Sometimes I wonder why it always comes back to this ...
This is not about the hardware - it's about bad or perhaps unwise decisions - your choice to use a JBOD implementation put your data at unneccessary risk, I don't use D-Link's JBOD implementation because I don't feel that the potential gain (the ability to store a single file or data-set larger than the capacity of a single disk) is worth the risk (losing access to all of the data in the event of a single disk failure) - and no, this is not documented anywhere, I went out and tested it personally, failure of a single drive can cause a loss of access to the data even if it resides entirely on the remaining functional drive, I am not implying here that the implementation is flawed, but simply that D-Link chose to implement JBOD as a linear concatenated volume, which suffers from this problem - there are other ways to implement JBOD, and in fact, what D-Link terms standard volumes is called JBOD by other NAS manufacturers.
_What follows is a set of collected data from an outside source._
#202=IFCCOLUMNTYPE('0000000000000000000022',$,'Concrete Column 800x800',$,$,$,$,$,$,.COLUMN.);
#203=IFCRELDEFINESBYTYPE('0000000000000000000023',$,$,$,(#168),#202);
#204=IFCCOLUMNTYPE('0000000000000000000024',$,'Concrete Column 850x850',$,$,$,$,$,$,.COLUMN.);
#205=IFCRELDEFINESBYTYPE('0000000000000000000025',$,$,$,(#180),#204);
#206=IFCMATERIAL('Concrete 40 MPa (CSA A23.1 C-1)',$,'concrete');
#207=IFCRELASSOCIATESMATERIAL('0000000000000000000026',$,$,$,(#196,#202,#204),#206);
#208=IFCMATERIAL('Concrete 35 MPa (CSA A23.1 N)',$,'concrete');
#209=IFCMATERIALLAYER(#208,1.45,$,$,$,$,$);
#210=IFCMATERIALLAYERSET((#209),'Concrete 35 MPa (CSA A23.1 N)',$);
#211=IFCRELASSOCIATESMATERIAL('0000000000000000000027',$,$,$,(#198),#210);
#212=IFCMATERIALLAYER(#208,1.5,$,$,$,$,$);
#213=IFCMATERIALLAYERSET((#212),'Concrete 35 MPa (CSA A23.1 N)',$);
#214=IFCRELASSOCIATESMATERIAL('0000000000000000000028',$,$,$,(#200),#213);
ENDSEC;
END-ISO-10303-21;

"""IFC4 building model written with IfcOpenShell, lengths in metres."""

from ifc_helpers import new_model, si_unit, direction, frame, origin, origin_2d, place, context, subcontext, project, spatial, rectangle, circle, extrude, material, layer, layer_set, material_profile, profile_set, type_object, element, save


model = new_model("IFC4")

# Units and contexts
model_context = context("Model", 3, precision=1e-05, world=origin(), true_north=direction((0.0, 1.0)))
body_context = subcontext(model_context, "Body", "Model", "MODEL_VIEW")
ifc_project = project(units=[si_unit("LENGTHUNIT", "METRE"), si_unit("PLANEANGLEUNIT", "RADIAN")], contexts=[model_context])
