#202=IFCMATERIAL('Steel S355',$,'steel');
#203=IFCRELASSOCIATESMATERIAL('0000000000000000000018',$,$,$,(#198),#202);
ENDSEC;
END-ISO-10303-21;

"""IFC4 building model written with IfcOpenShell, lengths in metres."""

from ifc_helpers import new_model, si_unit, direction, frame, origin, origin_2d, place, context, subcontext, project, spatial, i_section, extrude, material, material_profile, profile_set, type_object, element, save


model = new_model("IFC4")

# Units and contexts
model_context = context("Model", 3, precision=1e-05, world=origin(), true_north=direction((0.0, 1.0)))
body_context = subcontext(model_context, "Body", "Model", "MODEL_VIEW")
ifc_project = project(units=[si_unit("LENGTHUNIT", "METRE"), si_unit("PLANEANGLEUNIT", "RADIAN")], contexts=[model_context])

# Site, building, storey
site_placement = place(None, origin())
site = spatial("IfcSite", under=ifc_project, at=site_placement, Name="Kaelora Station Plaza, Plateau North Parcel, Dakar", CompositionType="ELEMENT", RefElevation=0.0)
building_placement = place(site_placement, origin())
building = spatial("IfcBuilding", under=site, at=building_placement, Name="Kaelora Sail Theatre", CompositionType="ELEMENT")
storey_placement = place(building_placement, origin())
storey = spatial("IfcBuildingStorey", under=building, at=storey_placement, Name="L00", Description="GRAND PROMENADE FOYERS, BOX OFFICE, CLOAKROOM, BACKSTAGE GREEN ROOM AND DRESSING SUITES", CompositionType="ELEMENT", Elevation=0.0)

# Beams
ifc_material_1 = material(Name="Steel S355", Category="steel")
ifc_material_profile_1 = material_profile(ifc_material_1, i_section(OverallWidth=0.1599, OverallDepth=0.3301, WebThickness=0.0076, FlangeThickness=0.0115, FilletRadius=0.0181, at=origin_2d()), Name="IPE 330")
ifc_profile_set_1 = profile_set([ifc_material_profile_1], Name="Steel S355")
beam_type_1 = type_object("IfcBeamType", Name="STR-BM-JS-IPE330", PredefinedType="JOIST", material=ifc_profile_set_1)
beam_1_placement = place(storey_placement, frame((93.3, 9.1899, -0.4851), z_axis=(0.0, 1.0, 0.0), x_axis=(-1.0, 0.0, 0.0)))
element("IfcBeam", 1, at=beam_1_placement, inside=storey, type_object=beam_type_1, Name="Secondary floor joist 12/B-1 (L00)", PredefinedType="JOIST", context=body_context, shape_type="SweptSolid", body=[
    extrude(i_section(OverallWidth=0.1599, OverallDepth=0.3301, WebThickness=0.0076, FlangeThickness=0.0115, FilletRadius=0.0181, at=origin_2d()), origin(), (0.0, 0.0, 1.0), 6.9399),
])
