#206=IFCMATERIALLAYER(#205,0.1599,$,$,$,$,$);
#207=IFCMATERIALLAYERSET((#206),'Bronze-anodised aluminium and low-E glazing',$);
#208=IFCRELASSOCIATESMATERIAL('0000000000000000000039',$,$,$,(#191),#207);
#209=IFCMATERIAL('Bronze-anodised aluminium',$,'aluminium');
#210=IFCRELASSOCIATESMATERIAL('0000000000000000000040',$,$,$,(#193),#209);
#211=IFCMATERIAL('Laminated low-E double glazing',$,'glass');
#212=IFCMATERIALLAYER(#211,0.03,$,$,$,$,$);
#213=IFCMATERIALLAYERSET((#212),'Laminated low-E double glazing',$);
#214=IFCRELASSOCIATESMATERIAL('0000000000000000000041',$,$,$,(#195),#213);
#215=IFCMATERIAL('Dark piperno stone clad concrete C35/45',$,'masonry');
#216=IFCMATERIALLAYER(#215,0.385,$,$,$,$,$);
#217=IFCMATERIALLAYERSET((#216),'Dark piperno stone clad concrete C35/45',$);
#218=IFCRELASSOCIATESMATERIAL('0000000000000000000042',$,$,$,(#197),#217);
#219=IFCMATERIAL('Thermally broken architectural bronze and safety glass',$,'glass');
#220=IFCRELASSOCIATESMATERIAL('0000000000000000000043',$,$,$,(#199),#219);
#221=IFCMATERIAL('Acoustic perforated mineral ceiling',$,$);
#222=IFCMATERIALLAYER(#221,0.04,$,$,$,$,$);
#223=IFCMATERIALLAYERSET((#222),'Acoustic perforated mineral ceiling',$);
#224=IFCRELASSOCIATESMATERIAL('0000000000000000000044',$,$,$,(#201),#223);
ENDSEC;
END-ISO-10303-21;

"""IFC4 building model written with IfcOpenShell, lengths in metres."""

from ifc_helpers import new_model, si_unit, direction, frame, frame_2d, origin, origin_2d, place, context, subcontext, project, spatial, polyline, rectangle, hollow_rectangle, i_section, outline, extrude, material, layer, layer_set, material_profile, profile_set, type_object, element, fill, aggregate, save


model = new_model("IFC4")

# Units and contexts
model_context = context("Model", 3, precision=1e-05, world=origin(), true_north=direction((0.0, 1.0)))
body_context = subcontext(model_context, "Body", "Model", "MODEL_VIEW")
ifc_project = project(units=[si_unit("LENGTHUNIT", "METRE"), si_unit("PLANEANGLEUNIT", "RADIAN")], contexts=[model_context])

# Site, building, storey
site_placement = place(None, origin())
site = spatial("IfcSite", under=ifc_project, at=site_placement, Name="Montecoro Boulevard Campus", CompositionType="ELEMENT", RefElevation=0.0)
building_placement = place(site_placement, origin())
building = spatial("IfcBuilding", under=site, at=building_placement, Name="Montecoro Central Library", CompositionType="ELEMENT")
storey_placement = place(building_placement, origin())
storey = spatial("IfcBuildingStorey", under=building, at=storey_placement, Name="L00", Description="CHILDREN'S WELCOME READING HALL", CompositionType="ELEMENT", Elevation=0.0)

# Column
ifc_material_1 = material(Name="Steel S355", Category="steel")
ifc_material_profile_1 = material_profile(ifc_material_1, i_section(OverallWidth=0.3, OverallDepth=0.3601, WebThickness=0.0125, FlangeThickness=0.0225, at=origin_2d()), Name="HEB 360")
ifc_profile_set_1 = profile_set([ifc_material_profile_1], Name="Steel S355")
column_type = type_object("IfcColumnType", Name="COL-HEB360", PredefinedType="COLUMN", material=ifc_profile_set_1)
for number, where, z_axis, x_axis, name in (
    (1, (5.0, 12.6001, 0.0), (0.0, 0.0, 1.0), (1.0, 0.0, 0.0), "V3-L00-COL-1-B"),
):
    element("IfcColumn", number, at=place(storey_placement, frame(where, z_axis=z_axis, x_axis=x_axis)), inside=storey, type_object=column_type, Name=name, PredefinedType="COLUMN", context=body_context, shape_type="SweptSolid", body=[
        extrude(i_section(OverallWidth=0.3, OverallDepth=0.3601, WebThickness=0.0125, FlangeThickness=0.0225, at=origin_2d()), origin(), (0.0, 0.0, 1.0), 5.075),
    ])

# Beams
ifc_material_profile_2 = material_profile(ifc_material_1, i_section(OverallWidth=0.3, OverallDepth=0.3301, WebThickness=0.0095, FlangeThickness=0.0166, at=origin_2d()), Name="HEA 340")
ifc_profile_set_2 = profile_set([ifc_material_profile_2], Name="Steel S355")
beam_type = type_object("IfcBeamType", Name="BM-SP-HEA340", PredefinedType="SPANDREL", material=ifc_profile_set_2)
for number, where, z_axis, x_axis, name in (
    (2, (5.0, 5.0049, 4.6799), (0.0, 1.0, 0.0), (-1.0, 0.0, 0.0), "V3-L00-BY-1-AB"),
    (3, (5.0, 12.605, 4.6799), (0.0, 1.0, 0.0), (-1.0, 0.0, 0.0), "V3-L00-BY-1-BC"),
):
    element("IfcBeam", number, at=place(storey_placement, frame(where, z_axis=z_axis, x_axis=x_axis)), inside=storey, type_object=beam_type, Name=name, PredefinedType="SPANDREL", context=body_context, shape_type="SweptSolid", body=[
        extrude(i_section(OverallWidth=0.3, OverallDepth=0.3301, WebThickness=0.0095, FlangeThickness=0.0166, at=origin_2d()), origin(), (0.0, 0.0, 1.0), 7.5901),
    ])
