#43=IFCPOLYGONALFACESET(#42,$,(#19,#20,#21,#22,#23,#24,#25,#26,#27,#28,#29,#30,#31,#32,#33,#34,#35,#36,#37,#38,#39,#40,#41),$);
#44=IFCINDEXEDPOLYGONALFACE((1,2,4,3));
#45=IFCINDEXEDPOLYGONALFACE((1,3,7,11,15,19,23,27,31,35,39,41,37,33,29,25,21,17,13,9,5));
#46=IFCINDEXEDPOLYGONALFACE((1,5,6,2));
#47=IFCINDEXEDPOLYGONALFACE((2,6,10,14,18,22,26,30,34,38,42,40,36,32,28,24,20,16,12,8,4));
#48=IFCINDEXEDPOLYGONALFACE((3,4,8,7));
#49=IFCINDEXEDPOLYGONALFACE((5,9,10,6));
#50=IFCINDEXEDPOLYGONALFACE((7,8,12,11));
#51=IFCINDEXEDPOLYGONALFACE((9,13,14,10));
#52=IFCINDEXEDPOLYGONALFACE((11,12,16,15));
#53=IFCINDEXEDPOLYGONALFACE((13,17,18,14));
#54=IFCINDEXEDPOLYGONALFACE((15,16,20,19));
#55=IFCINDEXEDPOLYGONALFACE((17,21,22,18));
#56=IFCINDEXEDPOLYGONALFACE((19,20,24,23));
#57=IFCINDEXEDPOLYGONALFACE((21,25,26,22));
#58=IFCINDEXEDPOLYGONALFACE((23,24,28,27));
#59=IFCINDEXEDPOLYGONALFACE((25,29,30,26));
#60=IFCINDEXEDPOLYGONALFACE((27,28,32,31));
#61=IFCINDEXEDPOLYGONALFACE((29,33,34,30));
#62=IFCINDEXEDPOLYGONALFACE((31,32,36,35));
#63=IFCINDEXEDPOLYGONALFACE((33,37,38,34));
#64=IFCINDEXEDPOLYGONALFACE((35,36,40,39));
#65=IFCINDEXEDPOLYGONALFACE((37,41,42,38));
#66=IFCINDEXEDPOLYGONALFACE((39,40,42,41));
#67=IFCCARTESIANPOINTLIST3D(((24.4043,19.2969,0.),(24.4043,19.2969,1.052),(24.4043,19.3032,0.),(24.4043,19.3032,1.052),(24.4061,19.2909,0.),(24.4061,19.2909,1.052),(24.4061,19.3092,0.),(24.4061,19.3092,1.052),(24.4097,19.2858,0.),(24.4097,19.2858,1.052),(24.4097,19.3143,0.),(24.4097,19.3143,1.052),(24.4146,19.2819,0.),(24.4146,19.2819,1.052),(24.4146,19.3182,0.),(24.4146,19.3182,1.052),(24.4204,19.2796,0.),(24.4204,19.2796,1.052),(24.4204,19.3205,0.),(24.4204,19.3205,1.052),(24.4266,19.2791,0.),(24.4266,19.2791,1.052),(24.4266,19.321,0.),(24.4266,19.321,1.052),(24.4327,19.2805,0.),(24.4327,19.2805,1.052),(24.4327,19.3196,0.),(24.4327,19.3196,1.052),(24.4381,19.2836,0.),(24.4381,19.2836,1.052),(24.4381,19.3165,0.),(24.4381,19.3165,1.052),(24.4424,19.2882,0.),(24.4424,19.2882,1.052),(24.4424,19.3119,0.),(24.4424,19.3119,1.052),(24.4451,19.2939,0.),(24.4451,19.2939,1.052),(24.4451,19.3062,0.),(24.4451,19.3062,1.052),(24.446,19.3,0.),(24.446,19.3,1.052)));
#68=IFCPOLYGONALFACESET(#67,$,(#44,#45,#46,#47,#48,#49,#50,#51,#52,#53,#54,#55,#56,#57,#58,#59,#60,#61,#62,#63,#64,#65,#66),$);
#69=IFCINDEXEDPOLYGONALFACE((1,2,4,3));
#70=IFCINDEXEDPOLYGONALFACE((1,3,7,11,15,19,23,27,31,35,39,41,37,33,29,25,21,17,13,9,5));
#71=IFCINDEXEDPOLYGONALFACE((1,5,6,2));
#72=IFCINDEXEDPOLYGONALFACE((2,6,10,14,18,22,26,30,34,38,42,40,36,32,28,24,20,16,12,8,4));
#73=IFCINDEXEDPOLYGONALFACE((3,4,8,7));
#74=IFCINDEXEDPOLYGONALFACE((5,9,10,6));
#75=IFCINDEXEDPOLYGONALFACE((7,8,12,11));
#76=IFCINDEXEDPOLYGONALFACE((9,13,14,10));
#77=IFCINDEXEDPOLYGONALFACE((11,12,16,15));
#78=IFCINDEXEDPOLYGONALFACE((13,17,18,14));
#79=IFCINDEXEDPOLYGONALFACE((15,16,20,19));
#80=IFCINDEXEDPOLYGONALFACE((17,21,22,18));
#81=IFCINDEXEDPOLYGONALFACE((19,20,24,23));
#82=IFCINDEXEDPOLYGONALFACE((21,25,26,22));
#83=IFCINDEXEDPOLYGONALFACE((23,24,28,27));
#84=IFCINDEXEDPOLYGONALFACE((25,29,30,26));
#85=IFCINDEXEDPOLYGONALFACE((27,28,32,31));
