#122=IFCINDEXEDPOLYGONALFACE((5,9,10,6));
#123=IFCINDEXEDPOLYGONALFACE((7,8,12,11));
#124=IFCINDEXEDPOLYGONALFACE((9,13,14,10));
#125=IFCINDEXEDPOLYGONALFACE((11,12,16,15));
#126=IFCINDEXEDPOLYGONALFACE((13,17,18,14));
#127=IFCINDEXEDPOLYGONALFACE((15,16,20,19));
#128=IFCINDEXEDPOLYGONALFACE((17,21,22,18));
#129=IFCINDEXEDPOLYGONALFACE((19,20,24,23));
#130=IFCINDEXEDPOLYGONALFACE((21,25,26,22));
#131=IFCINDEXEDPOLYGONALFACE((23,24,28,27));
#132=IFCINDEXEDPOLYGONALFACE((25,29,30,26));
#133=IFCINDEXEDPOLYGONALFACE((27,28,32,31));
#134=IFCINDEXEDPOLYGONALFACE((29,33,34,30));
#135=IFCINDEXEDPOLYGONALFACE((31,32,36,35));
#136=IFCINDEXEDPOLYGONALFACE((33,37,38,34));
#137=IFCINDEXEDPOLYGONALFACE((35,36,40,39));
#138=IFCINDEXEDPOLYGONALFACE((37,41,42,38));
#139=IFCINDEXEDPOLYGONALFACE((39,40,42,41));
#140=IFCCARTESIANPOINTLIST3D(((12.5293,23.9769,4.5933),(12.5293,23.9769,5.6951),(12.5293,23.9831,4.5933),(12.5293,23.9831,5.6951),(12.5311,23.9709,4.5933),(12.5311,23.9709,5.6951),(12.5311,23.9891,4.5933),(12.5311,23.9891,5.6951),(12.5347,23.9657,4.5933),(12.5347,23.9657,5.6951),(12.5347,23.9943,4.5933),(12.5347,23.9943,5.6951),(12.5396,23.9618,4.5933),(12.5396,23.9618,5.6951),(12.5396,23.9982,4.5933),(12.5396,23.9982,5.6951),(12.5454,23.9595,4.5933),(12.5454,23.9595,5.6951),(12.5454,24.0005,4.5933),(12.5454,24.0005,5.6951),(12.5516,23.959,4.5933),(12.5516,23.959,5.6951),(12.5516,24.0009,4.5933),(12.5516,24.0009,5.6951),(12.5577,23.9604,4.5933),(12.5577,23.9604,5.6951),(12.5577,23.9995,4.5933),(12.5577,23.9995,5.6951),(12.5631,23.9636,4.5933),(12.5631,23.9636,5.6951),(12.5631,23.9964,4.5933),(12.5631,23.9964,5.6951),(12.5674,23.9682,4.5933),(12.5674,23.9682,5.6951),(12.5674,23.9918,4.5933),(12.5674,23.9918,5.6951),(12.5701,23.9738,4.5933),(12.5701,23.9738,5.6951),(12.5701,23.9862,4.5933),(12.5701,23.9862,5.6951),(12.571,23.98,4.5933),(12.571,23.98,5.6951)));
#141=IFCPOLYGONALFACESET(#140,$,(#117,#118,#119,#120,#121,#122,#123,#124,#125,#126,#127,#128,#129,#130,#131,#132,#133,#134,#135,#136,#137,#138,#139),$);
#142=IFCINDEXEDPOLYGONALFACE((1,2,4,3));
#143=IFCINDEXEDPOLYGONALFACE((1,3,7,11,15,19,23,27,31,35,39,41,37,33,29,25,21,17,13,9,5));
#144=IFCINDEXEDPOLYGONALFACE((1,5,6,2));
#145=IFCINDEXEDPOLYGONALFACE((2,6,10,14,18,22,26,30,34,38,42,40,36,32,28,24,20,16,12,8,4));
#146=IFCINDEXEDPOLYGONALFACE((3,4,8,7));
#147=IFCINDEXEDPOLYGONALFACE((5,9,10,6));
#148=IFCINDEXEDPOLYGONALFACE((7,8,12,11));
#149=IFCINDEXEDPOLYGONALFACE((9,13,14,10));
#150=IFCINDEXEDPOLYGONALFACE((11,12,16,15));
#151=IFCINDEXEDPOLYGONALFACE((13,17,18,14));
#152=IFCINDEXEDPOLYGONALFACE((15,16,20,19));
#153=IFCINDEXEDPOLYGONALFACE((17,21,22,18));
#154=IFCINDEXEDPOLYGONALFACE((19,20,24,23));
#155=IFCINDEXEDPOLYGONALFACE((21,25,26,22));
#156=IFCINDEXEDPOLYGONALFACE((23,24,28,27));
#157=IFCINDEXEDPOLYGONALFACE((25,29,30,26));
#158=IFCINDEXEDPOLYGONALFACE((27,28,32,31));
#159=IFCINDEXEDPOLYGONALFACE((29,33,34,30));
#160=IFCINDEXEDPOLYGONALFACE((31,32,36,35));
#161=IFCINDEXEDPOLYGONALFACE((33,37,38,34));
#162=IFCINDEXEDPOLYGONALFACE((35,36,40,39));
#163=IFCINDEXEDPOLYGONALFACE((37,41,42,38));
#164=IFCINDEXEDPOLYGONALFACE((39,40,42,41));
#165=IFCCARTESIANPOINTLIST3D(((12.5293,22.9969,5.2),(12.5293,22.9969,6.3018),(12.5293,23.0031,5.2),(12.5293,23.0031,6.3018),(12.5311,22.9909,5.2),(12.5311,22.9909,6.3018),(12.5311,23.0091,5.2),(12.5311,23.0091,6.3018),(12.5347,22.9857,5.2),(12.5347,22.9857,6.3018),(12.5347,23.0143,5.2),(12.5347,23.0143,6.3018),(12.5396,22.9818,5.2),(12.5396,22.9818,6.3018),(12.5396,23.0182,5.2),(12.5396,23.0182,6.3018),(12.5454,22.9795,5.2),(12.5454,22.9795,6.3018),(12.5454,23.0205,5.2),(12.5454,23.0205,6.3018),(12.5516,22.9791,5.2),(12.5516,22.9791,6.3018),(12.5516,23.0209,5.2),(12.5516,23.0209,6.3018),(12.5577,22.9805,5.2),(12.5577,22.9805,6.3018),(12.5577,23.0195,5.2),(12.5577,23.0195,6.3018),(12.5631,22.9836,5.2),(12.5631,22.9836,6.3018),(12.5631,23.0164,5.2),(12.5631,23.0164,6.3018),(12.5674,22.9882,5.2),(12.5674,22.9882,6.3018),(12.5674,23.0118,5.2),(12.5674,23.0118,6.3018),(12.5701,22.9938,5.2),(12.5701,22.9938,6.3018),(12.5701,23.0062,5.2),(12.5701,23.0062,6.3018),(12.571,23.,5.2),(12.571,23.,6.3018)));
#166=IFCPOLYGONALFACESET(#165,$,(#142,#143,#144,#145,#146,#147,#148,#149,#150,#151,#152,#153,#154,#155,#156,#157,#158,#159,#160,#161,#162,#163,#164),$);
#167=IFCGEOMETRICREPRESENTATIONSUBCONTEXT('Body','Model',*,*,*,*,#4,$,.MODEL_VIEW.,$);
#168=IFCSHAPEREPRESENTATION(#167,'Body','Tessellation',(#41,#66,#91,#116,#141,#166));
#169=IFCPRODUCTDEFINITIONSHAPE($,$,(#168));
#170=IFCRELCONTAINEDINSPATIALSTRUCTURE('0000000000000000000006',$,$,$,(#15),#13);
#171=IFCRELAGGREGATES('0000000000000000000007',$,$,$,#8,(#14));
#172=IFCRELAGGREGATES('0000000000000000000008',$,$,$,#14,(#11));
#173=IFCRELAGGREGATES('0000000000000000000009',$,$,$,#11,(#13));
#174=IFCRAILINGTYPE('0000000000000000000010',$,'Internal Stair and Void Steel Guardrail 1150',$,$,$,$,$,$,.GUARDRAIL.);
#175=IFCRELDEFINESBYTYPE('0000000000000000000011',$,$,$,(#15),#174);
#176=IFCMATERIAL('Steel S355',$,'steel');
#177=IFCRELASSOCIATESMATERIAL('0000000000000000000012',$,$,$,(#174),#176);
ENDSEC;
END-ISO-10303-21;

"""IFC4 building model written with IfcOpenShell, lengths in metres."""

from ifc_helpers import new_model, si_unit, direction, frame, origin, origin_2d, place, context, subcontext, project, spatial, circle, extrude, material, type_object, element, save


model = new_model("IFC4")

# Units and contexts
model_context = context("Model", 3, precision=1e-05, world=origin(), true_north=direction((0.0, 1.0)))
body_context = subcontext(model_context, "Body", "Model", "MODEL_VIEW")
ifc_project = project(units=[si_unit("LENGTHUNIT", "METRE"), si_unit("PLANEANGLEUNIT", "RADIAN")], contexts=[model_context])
You also chose to go under the desk to tidy up the cables and that triggered the mini disaster that you're dealing with - a two foot fall will create significant shock to the HDA, more so if unit is powered up and the heads are "loaded". The DNS-323 enclosure provides no "cushioning" and what happened there is pretty much the equivalent of dropping a bare drive onto the floor.
Perhaps you should take a look at the drive manufacturer's handling instructions and see what they say on dropping them - that two foot drop exceeds the permissible distance of at least one manufacturer by a factor of four.
For the record - IBM sold their disk drive division many years ago, and the drives you get from IBM have probably been manufactured by Seagate or Maxtor. Personally I think their pricing is ridiculous (earlier this year I paid $746 for an 18GB drive 10k rpm, U160 drive) and in my experience (my relationship with IBM dates back some 18 years) the drives are no more, or less reliable than any other brand.
Improvements in drive technology is what's responsible for the rapid decline in the cost of storage - and in my experience, the newer, higher capacity drives are no less reliable than the ones of yesterday, in fact.